“I got to do things my own way, darling/Will you ever let me?/Will you ever respect me?” Rihanna asks in her native Barbadian patois on “Consideration,” the opening track of Anti. To say that the album, her first in over three years, has had a contentious road to release is an understatement, with reports of false starts and, eventually, the promotion of three singles that, though moderately successfully, failed to resonate with fans or critics the way her past hits have. And without missing a beat, Rihanna provides a pointed, unapologetic rejoinder to the rhetorical questions posed in the song’s lyrics: “No.”
But that the album’s first three singles, particularly the grating “FourFiveSeconds” and the dated “Bitch Better Have My Money,” were mercifully left off Anti points to a lack of creative vision, not to mention Rihanna and her label’s commitment to it (notably, the release is her first since parting ways with Def Jam). The early promise represented by “Consideration,” with its heavy, distorted ’90s-style loop and guest vocal by neo-soul singer SZA, suggested that Rihanna is determined to “grow.” But the remainder of Anti’s first half swiftly drifts into frustratingly familiar territory: “Needed Me” admirably aspires to FKA twigs’s brand of experimental R&B, but songs like “Kiss It Better” and “Woo,” with their plodding beats and menacing electric guitars, could have been plucked from Rated R or Unapologetic.

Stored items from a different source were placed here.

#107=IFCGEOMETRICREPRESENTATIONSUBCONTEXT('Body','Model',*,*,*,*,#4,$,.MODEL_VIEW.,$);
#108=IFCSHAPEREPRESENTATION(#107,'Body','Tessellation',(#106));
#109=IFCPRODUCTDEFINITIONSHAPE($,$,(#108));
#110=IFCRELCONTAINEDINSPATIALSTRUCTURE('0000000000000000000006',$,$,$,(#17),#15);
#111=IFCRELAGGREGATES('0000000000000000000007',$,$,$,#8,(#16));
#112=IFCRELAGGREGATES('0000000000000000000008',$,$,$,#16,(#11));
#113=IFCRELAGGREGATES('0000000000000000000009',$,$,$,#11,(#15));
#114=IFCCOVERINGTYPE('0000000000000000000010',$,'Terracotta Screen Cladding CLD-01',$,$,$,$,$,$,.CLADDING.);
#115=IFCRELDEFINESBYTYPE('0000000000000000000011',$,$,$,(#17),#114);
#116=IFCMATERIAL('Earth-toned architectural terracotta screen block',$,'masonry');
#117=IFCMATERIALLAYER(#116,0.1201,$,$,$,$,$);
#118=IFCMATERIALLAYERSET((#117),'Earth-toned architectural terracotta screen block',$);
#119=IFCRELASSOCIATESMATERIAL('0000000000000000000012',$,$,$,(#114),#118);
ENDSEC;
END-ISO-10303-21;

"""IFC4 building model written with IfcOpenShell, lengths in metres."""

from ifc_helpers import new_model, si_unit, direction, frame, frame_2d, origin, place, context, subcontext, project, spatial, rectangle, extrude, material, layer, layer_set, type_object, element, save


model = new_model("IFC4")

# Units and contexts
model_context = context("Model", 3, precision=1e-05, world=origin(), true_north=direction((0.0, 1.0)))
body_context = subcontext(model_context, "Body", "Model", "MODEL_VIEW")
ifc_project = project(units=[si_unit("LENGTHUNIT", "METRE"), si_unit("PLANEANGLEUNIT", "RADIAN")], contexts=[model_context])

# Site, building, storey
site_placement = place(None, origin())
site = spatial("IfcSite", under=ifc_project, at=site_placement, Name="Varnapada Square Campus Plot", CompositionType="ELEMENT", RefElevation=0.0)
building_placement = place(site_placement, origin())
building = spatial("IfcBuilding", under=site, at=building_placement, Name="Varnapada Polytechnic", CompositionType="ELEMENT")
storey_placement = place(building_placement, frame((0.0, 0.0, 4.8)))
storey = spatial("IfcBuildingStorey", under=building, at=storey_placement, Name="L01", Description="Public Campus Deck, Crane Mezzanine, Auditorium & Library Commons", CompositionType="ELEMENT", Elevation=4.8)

Anti’s second half finds Rihanna dabbling in previously unexplored genres, and to various degrees of success, never settling on a cohesive direction or clear statement of purpose aside from a decided denouncement of her dance-pop past. Rihanna makes a foray into psychedelic pop/soul on “Same Ol’ Mistakes,” a collaboration with Tame Impala’s Kevin Parker, and ’60s doo-wop on “Love on the Brain,” potentially forgettable trifles that emerge as triumphant highlights among the drab, depressing R&B that comprises much of the rest of the album. The likewise retro-minded “Higher” is marred by a strained vocal performance, which, like that of “FourFiveSeconds,” consists of little more than pitchy, whisky-soaked shrieks.
The sense that the largely joyless Anti lacks focus is furthered by the fact that “Higher” and “James Joint,” which both clock in at under two minutes a piece, scan as mere sketches. The ultimate impression the album leaves isn’t just that of an artist who failed to follow through on her vision, but who never bothered to conceive one in the first place.